Lattice Enthalpy of an ionic solid is defined as the energy required to completely separate one mole of solid ionic compound into the gaseous components. Lattice enthalpy of NaCl is -788 kJ mol-1 which means that 788 kJ of energy is required to separate 1 mole of NaCl into one mole of gaseous Na(g) and Cl-(g) to an infinite distance.

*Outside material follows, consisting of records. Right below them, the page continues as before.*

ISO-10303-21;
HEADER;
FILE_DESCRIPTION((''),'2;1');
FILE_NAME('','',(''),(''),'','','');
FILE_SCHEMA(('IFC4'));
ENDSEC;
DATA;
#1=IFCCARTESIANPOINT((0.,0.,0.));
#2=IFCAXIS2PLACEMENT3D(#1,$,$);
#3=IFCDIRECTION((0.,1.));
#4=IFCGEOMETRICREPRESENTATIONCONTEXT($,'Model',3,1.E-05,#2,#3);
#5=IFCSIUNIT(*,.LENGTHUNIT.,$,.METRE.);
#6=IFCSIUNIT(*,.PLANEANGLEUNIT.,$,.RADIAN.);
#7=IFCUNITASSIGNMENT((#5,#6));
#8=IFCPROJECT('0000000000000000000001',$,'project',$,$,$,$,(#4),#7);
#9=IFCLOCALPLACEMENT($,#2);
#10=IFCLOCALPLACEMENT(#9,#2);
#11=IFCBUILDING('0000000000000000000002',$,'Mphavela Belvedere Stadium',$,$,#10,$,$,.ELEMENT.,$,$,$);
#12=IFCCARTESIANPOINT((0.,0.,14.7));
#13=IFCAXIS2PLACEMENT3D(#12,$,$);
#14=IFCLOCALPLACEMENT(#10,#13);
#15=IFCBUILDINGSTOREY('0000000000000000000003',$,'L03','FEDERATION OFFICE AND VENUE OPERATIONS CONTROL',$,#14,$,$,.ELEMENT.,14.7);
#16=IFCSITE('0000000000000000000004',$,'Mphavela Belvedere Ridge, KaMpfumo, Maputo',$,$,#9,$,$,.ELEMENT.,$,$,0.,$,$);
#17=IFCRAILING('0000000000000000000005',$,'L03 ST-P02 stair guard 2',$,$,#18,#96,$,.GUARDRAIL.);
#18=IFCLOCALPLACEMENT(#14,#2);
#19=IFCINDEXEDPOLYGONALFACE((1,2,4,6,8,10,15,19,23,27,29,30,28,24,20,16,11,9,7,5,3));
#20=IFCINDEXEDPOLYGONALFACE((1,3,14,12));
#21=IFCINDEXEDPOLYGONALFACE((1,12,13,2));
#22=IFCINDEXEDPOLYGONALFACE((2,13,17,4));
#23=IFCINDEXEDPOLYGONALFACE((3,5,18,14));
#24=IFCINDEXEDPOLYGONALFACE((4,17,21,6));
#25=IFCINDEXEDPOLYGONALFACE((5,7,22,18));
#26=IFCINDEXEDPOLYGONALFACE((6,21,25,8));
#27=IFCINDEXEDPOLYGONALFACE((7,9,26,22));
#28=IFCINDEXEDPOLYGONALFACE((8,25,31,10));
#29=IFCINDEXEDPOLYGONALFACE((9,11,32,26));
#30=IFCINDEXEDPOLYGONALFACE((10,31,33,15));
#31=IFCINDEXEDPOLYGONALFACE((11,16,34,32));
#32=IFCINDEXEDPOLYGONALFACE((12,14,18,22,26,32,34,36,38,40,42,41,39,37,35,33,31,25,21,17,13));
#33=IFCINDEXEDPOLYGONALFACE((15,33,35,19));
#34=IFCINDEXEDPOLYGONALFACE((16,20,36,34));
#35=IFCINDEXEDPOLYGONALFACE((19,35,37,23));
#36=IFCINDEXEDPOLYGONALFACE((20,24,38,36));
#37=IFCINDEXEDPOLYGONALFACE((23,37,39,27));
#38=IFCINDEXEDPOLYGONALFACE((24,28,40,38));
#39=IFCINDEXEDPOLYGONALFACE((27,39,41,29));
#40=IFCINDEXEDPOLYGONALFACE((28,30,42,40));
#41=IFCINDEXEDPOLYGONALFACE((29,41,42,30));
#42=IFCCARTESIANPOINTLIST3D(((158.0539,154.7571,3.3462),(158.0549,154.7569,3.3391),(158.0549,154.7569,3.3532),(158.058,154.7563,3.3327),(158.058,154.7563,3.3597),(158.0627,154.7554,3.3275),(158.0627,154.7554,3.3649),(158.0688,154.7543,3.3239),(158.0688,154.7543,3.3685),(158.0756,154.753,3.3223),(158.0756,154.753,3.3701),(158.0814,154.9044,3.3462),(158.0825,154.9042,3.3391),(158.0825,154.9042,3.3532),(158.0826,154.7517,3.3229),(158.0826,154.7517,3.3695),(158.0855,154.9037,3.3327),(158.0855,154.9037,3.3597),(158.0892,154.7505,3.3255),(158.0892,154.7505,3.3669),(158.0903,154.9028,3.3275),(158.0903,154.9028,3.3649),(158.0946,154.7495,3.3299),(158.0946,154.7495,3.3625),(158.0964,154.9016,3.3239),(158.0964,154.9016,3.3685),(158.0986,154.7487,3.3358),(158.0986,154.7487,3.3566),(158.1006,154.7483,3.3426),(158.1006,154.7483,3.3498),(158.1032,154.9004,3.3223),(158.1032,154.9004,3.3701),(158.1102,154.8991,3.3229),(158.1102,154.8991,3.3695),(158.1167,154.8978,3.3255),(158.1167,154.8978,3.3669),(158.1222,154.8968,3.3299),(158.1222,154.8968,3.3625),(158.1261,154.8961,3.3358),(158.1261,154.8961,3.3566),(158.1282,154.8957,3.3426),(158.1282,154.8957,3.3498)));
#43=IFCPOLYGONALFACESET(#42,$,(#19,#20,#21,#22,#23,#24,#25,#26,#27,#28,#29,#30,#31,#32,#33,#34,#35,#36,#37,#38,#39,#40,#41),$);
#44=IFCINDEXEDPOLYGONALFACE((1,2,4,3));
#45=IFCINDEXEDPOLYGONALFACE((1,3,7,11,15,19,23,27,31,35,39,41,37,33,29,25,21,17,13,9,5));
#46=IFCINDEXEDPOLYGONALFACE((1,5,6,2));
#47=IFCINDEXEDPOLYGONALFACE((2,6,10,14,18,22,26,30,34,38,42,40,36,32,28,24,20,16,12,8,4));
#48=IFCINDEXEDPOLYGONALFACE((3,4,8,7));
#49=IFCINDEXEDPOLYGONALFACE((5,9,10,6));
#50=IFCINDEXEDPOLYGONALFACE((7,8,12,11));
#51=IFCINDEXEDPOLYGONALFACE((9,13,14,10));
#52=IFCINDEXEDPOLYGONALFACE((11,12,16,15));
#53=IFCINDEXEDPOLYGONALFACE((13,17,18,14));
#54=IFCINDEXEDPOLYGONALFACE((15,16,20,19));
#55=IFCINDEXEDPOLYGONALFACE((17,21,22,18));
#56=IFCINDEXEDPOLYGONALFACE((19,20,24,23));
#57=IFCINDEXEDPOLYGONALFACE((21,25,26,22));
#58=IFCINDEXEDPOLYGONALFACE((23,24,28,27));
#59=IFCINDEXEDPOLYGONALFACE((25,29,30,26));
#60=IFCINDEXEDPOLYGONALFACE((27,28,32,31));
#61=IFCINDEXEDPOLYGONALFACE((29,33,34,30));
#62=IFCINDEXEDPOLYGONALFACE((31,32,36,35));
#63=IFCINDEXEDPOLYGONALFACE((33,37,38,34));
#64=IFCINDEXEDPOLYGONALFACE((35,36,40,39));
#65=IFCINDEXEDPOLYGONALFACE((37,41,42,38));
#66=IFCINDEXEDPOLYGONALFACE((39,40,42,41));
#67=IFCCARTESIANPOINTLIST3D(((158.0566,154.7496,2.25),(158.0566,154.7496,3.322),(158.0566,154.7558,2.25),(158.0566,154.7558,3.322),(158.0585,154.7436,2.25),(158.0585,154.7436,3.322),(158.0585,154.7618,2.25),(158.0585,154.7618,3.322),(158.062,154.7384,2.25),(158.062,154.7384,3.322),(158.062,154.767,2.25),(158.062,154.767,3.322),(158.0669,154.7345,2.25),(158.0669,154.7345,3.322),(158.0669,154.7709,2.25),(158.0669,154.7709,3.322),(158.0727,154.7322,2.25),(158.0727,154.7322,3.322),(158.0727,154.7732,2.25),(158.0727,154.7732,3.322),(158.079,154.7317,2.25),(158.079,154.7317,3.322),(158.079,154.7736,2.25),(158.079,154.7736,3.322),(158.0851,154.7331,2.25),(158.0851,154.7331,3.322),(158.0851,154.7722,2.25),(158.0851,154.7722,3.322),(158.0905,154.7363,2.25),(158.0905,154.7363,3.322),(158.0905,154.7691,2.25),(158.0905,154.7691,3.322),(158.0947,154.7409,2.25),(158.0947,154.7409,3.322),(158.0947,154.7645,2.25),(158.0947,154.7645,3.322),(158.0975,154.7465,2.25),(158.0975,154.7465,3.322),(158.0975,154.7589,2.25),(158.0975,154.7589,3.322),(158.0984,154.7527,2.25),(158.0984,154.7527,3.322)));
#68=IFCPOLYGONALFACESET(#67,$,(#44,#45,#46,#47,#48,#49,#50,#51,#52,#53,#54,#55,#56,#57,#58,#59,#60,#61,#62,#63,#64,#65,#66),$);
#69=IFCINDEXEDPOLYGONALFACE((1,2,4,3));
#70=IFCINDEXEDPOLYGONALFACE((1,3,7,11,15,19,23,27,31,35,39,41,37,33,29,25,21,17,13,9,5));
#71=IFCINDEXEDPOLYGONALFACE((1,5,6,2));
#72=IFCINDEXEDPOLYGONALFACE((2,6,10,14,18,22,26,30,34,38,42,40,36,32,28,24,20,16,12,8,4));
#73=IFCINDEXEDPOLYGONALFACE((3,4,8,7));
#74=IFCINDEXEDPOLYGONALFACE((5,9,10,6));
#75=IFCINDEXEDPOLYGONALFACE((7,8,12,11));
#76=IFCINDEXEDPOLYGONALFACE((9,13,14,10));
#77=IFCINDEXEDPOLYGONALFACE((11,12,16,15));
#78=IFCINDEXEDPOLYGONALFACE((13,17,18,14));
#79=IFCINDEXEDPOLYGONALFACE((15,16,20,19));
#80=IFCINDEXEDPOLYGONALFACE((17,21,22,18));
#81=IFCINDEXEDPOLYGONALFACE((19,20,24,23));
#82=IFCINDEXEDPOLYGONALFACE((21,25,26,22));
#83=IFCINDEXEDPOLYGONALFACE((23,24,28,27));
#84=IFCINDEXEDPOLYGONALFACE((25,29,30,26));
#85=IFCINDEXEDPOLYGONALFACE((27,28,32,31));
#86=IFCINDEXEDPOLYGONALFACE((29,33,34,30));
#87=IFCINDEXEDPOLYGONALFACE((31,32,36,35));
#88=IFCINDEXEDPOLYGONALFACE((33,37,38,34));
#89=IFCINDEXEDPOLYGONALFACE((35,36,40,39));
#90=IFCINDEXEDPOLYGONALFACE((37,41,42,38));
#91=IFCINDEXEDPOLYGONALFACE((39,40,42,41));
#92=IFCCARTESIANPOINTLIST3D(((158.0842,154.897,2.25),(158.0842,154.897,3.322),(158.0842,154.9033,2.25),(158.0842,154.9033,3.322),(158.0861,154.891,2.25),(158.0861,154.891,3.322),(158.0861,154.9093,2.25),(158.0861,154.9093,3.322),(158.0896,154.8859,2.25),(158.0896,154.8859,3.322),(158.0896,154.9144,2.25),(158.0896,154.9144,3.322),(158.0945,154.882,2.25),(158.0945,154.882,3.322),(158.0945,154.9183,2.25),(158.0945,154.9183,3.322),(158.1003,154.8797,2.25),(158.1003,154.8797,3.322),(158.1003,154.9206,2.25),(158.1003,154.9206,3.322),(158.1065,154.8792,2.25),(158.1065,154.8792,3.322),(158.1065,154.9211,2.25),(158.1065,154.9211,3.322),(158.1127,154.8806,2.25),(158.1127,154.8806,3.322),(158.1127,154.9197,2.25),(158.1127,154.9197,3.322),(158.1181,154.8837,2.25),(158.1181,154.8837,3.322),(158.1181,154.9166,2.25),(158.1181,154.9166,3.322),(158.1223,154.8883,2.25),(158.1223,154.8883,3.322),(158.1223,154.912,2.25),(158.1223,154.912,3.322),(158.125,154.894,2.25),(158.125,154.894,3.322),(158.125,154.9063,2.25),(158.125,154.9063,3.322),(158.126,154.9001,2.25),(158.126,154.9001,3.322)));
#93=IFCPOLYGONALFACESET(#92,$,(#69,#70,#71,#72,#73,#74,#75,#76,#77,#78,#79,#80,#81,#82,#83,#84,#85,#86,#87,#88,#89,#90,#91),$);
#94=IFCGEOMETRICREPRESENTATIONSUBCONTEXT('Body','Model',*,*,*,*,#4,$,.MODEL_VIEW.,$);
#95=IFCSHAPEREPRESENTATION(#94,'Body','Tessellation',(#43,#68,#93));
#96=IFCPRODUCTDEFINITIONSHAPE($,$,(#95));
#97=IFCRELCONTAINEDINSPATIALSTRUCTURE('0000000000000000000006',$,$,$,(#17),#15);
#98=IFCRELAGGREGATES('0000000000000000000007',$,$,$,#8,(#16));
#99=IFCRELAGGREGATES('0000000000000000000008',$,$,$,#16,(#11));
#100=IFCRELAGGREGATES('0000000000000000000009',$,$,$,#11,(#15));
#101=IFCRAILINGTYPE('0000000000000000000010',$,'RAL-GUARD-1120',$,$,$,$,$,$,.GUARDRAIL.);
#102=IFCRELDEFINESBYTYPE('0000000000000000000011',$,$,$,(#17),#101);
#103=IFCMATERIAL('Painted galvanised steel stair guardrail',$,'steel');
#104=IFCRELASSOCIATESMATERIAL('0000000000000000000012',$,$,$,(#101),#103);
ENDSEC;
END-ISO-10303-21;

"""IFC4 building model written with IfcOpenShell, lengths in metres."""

from ifc_helpers import new_model, si_unit, direction, frame, origin, origin_2d, place, context, subcontext, project, spatial, circle, extrude, material, type_object, element, save


model = new_model("IFC4")

# Units and contexts
model_context = context("Model", 3, precision=1e-05, world=origin(), true_north=direction((0.0, 1.0)))
body_context = subcontext(model_context, "Body", "Model", "MODEL_VIEW")
ifc_project = project(units=[si_unit("LENGTHUNIT", "METRE"), si_unit("PLANEANGLEUNIT", "RADIAN")], contexts=[model_context])

# Site, building, storey
site_placement = place(None, origin())
site = spatial("IfcSite", under=ifc_project, at=site_placement, Name="Mphavela Belvedere Ridge, KaMpfumo, Maputo", CompositionType="ELEMENT", RefElevation=0.0)
building_placement = place(site_placement, origin())
building = spatial("IfcBuilding", under=site, at=building_placement, Name="Mphavela Belvedere Stadium", CompositionType="ELEMENT")
storey_placement = place(building_placement, frame((0.0, 0.0, 14.7)))
storey = spatial("IfcBuildingStorey", under=building, at=storey_placement, Name="L03", Description="FEDERATION OFFICE AND VENUE OPERATIONS CONTROL", CompositionType="ELEMENT", Elevation=14.7)

# Railing
ifc_material_1 = material(Name="Painted galvanised steel stair guardrail", Category="steel")
railing_type_1 = type_object("IfcRailingType", Name="RAL-GUARD-1120", PredefinedType="GUARDRAIL", material=ifc_material_1)
railing_1_placement = place(storey_placement, frame((158.0774, 154.7527, 2.25)))
element("IfcRailing", 1, at=railing_1_placement, inside=storey, type_object=railing_type_1, Name="L03 ST-P02 stair guard 2", PredefinedType="GUARDRAIL", context=body_context, shape_type="SweptSolid", body=[
    extrude(circle(Radius=0.0239, at=origin_2d()), frame((0.0, 0.0, 1.0962), z_axis=(0.183895, 0.982946, 0.0), x_axis=(-0.982946, 0.183895, 0.0)), (0.0, 0.0, 1.0), 0.1499),
    extrude(circle(Radius=0.021, at=origin_2d()), origin(), (0.0, 0.0, 1.0), 1.072),
    extrude(circle(Radius=0.021, at=origin_2d()), frame((0.0276, 0.1475, 0.0)), (0.0, 0.0, 1.0), 1.072),
])

save(model, "model.ifc")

For Same Anion And Different Cations:

1. Cations having higher charge have large lattice energies than compounds having cations with lower charge. AlCl3 > CaCl2 > NaCl

2. As size of cation decrease, lattice energy increases. LiF > NaF > KF.

Teacher's Note

Lattice enthalpy is the energy needed to break apart one mole of an ionic solid. For example, to separate all the sodium and chloride ions in one mole of salt crystals requires 788 kJ of energy.

Exam Trick

Remember: Smaller cation + smaller anion = Larger lattice enthalpy = More stable compound. Think of it like strong tight packing of small things takes more energy to pull apart.

Points to Remember

Lattice enthalpy measures how much energy is needed to break an ionic solid into gaseous ions.
Smaller ions have higher lattice enthalpies because they are packed more tightly.
Ions with higher charges also have higher lattice enthalpies.
CsF has the weakest ionic bond despite high electronegativity difference.
Lattice enthalpy increases with decrease in size of ions.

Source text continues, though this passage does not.